By nature, coaches are always searching for ways to improve themselves, their knowledge and the way in which they approach their craft. A growth mindset and focus on improvement is very much part of most coach’s philosophy to coaching.
There are many ways to improve knowledge and expand your skills, such as courses, clinics, attending practices, mentors and reading. But what are some ways a coach can drive improvement and growth individually?
We discuss some different ideas a coach at any level can drive their own improvement.
Review practice and games –
Most coaches plan practice to the last minute and follow the practice plan to the letter. There are software packages available for practice planning, others use Excel templates, while some simply jot down key points and drills on paper prior to the session.
But how many take the time review the session after? Did you cover all the drills in the plan or did you stay with one drill or concept longer on “feel” for how the session was going?
How was your language and engagement with the players? How did you balance interventions with coaching on the run and keeping the session flowing?
Consider putting a section on your practice plan template you can use at the end of practice to make comment or rate these aspects and use that in planning the next session.
A similar approach can be adopted for games. Coaches spend a disproportionate amount of time in game planning and scouting and far less time in reviewing. Yes, the advent of video analysis systems has helped, but how much time is spent in thought, discussion and review on how the coach performed?

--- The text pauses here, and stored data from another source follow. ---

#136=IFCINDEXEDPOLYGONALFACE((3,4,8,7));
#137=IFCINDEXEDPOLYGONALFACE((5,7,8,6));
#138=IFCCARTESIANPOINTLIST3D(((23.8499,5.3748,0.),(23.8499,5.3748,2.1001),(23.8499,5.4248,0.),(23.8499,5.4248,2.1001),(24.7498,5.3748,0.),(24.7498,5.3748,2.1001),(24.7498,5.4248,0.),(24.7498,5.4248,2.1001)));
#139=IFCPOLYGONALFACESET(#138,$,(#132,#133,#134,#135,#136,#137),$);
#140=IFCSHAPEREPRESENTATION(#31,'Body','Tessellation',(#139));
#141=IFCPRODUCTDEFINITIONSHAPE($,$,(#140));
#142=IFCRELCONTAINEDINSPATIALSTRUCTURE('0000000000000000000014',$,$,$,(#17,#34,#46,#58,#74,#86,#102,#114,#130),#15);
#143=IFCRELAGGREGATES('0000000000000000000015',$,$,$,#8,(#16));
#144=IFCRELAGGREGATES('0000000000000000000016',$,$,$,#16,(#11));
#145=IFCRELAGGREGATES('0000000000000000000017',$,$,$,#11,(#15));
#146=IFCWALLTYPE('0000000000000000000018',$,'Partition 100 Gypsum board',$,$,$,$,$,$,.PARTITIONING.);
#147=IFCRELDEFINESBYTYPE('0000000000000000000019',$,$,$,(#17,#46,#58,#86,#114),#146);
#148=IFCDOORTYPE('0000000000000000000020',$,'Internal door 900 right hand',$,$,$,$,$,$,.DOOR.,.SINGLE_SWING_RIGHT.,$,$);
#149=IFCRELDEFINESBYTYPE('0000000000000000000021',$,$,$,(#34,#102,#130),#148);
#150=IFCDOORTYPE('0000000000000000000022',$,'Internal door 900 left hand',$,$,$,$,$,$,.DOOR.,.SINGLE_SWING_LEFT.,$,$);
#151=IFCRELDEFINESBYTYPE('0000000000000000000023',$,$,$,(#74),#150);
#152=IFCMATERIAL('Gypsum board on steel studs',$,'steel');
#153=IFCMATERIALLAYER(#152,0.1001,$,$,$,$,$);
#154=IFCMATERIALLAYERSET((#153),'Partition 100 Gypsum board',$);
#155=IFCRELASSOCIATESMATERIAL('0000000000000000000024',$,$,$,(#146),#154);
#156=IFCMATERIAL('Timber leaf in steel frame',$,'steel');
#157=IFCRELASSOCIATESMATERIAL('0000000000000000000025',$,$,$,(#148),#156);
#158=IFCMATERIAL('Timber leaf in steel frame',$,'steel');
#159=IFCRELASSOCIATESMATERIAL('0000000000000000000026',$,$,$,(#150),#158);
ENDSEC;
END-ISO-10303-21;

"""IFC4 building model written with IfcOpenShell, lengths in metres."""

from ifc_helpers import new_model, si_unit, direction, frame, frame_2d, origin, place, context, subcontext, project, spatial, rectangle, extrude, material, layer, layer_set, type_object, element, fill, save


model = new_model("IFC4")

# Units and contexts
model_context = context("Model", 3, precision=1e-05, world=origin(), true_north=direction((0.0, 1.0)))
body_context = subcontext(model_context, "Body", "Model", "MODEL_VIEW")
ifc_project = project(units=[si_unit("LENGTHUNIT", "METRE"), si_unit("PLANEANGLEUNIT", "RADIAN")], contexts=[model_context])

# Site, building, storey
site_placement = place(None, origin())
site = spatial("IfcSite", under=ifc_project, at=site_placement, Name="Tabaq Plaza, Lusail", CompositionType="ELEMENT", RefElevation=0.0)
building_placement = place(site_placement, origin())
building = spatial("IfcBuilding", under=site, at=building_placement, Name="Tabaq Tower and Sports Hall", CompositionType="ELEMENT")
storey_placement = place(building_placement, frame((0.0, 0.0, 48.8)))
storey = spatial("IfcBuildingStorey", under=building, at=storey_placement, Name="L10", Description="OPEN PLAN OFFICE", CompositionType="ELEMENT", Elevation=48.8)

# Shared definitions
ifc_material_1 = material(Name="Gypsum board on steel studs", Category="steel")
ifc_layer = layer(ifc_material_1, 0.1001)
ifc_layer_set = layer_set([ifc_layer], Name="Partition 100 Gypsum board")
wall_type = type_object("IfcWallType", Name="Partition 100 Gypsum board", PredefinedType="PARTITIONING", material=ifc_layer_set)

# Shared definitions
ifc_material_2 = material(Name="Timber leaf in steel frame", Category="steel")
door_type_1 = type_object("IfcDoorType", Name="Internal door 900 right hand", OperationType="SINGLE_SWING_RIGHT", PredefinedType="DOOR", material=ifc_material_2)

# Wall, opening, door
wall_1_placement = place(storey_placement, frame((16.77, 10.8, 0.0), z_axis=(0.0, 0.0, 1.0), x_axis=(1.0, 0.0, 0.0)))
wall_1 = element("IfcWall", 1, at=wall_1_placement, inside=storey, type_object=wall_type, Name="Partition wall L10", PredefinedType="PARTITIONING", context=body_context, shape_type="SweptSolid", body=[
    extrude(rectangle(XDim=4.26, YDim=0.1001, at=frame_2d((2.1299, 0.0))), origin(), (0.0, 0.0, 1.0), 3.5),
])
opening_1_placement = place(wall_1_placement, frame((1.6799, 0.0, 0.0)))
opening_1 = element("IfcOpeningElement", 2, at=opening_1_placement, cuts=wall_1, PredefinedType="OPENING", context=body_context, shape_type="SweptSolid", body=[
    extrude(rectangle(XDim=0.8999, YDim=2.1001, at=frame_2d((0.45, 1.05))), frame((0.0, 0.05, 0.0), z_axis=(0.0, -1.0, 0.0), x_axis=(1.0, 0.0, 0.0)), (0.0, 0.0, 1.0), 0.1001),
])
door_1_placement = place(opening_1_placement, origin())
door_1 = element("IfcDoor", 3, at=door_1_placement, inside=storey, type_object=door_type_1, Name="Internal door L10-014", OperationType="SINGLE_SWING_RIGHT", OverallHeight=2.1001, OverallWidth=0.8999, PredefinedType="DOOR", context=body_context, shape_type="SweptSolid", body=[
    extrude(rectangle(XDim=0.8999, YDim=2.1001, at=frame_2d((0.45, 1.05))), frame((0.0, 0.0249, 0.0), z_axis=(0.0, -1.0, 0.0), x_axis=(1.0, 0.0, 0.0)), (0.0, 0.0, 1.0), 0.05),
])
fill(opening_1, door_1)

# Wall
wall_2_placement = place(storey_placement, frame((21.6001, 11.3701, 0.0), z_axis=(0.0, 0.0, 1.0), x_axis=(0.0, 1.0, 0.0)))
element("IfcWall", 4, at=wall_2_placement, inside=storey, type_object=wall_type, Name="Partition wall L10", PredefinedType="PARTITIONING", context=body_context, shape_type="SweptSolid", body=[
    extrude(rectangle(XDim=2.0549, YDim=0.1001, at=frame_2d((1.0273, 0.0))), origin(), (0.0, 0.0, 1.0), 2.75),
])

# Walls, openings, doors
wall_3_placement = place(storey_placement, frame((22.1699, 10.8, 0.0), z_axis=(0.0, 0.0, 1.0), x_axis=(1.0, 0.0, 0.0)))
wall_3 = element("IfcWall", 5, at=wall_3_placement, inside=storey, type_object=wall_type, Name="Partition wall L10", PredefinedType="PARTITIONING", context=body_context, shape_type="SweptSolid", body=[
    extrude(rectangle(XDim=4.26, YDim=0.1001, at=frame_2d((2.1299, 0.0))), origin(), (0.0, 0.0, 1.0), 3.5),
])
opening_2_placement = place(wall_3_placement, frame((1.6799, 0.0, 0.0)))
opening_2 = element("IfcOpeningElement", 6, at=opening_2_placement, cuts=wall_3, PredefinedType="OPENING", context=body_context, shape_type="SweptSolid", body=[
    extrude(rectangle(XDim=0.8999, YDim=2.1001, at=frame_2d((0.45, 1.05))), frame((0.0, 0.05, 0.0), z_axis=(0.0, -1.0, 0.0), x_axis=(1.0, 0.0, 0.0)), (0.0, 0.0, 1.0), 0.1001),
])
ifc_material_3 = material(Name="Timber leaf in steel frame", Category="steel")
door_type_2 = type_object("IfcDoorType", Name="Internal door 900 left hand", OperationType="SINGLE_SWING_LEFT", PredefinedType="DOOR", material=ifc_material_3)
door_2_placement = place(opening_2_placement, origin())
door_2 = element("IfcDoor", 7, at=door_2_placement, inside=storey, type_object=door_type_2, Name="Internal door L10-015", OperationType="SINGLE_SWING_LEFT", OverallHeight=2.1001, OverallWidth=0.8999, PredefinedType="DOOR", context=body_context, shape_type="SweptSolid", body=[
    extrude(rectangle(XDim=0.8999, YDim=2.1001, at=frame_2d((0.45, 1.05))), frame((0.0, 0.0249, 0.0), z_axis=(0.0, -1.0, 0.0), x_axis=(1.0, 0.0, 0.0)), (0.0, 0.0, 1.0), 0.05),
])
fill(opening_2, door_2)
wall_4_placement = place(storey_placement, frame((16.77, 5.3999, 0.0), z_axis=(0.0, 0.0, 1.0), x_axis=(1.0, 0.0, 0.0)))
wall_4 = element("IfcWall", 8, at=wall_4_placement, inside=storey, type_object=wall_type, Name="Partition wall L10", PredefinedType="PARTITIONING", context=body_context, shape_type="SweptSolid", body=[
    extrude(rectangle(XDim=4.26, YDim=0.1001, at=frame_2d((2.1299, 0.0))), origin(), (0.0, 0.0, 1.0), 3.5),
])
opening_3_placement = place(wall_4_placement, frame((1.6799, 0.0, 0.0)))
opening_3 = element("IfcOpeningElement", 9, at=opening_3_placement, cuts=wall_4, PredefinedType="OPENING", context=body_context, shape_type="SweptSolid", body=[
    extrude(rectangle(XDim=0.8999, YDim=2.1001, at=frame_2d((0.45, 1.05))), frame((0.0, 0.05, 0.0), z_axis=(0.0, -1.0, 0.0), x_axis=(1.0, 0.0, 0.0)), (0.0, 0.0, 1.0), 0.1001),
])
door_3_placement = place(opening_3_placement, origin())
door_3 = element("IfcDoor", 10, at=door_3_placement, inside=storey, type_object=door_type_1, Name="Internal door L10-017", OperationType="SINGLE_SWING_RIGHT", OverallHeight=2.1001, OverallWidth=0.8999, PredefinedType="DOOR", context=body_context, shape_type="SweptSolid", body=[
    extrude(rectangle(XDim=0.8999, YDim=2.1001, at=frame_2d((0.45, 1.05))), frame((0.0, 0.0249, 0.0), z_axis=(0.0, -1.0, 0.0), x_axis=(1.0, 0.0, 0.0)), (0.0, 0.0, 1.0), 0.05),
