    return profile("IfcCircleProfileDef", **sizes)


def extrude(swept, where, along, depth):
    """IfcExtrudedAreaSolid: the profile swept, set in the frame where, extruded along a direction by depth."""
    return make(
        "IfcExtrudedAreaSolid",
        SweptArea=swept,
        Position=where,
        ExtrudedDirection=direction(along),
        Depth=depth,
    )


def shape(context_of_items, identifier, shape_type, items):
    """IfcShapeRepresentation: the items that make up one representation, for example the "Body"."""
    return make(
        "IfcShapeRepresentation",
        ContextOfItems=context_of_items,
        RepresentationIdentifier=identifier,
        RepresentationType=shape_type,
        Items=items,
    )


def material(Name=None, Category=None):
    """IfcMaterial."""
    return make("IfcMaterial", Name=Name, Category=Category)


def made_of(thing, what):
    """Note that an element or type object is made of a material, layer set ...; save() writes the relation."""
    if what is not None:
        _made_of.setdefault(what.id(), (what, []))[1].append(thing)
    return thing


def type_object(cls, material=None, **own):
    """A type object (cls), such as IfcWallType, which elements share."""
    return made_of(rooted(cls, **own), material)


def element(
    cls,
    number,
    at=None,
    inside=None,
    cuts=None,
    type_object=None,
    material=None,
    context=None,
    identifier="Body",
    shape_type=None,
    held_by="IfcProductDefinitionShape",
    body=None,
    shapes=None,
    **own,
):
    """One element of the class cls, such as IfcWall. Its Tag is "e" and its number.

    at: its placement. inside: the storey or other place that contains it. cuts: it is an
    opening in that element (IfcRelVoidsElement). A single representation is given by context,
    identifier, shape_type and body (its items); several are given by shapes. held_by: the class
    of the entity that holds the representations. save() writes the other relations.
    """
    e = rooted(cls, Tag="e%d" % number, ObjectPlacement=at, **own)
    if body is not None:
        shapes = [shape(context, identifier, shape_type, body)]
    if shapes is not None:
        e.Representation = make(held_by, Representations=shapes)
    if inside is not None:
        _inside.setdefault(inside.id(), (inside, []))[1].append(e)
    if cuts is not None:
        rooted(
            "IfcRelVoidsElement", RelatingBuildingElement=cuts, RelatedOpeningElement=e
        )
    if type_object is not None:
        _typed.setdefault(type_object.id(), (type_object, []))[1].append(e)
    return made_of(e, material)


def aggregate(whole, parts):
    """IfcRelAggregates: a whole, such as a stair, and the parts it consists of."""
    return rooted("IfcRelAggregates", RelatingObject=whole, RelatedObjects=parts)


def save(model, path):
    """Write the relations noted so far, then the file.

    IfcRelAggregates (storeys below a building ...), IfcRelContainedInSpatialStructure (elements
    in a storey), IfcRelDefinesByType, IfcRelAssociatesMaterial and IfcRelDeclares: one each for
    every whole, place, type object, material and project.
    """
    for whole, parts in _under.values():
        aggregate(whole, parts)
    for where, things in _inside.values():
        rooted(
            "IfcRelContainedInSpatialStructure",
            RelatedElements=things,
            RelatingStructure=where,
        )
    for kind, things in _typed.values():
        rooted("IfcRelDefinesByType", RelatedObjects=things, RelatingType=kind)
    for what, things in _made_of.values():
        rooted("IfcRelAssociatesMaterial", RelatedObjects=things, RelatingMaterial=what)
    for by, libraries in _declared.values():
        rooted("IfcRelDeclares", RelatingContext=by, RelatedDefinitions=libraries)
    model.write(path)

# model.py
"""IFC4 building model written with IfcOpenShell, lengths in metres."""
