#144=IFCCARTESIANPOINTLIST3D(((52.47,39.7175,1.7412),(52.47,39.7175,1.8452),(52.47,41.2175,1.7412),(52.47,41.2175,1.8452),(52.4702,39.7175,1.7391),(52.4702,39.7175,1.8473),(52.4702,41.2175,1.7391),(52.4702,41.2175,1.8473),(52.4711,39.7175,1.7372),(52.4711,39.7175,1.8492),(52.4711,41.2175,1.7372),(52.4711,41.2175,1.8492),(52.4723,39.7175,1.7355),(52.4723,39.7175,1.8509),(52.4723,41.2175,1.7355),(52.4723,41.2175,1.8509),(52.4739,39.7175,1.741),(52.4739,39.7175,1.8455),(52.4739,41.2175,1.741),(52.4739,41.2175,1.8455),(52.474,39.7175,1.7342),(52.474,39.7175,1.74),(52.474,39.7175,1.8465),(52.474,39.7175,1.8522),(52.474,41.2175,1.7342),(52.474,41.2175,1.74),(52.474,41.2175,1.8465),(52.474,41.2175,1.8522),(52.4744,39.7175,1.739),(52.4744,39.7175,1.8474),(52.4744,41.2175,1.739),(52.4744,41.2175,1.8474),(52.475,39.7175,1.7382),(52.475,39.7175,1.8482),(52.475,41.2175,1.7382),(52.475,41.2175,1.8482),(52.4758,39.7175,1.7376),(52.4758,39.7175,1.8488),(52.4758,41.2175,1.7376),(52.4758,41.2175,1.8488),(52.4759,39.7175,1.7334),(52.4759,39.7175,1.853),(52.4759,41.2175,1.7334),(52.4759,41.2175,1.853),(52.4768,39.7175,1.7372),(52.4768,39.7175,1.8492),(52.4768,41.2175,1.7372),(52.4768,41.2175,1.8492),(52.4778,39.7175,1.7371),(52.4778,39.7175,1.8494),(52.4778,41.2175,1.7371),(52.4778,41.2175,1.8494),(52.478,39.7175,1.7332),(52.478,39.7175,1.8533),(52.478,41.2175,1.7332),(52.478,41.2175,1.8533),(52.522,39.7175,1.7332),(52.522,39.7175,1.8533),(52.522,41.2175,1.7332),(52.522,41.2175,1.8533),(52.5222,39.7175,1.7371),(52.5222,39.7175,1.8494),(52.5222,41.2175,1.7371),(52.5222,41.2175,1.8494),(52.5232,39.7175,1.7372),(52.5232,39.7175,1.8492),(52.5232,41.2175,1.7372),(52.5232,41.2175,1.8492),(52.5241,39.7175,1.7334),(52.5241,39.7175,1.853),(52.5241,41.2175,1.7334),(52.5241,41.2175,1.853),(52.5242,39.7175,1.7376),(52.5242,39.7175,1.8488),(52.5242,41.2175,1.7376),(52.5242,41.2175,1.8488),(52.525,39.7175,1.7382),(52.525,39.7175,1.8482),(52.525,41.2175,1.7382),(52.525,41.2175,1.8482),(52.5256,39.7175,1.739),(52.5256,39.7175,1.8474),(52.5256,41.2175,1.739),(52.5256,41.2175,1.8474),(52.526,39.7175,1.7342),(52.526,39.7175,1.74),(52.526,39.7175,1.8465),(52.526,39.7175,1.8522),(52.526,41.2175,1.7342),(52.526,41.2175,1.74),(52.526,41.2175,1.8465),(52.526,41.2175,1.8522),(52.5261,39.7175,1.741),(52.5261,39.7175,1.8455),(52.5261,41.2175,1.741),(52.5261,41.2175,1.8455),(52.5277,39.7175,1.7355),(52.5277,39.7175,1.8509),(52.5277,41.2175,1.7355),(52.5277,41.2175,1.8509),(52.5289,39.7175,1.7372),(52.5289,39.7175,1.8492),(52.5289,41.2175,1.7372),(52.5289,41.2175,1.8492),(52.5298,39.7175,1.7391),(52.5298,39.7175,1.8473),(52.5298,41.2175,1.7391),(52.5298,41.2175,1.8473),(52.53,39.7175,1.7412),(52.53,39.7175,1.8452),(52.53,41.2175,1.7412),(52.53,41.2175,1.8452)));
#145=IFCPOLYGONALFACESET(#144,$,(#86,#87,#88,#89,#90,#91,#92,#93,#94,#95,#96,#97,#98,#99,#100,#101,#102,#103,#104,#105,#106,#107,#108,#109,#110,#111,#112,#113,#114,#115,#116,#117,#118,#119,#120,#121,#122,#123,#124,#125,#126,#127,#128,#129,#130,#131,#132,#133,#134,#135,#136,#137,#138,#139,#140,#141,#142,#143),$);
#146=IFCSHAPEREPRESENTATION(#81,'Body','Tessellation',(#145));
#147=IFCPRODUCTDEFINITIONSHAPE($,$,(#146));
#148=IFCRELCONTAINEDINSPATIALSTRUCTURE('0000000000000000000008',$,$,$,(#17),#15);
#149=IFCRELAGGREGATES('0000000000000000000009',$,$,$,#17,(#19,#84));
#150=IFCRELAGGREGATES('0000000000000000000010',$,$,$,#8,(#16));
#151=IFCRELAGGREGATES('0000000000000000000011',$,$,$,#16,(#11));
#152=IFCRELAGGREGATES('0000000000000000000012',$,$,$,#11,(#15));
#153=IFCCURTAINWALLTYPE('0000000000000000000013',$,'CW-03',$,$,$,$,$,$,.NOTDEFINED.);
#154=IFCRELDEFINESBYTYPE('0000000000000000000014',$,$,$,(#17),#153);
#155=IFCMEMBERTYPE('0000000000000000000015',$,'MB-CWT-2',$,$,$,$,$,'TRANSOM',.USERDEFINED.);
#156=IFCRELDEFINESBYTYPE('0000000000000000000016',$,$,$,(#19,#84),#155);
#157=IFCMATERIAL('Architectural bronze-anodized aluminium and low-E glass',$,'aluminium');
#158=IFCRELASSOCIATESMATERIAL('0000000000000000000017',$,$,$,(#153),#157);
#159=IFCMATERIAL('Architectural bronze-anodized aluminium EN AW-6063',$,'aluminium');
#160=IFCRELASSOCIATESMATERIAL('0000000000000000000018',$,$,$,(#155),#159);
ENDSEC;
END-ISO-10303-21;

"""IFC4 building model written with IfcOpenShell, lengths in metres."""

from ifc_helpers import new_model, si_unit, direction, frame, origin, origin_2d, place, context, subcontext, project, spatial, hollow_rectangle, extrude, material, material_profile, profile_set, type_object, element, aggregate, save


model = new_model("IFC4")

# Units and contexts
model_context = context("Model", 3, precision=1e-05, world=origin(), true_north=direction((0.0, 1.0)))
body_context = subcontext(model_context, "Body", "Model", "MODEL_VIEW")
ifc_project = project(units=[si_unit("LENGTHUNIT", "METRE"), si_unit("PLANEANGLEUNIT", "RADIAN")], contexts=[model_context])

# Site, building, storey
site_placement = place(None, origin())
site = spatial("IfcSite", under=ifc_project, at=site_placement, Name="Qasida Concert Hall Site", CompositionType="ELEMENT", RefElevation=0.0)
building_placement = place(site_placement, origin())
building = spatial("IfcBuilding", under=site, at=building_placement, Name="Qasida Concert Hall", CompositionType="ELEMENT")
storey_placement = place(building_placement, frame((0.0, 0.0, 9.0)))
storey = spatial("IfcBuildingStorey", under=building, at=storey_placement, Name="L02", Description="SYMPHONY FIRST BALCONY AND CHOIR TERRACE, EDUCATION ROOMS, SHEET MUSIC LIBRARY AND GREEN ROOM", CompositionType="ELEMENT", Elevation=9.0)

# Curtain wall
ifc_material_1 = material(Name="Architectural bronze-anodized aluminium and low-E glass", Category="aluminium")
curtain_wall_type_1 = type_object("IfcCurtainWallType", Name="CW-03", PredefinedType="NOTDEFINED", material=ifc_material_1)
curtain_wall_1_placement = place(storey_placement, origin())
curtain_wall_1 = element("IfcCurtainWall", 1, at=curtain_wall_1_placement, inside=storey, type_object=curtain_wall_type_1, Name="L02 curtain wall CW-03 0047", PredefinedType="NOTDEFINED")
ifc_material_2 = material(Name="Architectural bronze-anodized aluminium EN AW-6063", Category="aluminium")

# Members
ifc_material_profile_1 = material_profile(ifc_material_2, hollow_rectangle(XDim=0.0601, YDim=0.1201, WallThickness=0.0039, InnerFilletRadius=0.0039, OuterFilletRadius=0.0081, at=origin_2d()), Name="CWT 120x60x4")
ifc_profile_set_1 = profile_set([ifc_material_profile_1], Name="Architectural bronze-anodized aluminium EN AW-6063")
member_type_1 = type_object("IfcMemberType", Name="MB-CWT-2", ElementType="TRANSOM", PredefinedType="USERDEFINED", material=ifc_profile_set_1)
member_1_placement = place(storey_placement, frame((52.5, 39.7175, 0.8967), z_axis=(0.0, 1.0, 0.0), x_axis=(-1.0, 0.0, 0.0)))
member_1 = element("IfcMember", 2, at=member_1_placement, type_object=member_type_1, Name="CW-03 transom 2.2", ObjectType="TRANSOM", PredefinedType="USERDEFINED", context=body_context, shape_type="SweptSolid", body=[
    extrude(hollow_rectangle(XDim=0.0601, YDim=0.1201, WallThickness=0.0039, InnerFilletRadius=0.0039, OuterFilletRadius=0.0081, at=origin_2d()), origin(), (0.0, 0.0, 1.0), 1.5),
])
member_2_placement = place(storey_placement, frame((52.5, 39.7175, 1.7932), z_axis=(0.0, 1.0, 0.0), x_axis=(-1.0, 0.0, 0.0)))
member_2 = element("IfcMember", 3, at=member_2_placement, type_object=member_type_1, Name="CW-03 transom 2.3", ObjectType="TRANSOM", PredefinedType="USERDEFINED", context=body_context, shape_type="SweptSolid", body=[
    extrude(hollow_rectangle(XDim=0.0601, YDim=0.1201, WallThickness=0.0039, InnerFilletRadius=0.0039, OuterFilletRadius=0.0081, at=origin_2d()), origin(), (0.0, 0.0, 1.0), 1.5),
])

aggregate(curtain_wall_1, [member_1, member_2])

Rate performance in areas such as –
- Body language
- Language and tone
- Strategic adjustments
Use of a GoPro or camera in practice –
A valuable idea can be wearing a GoPro or similar device strapped to the coach’s chest during practice. This will provide the coach with a chance to review their positioning, communication, intervention and engagement throughout the session.
By simply watching the vision back, the coach can see what they saw in each drill, where they stood in relation to the athletes and how they moved around to ensure engagement with the entire group. It is also self-assessment and doesn’t require any additional people for the coach to make these assessments.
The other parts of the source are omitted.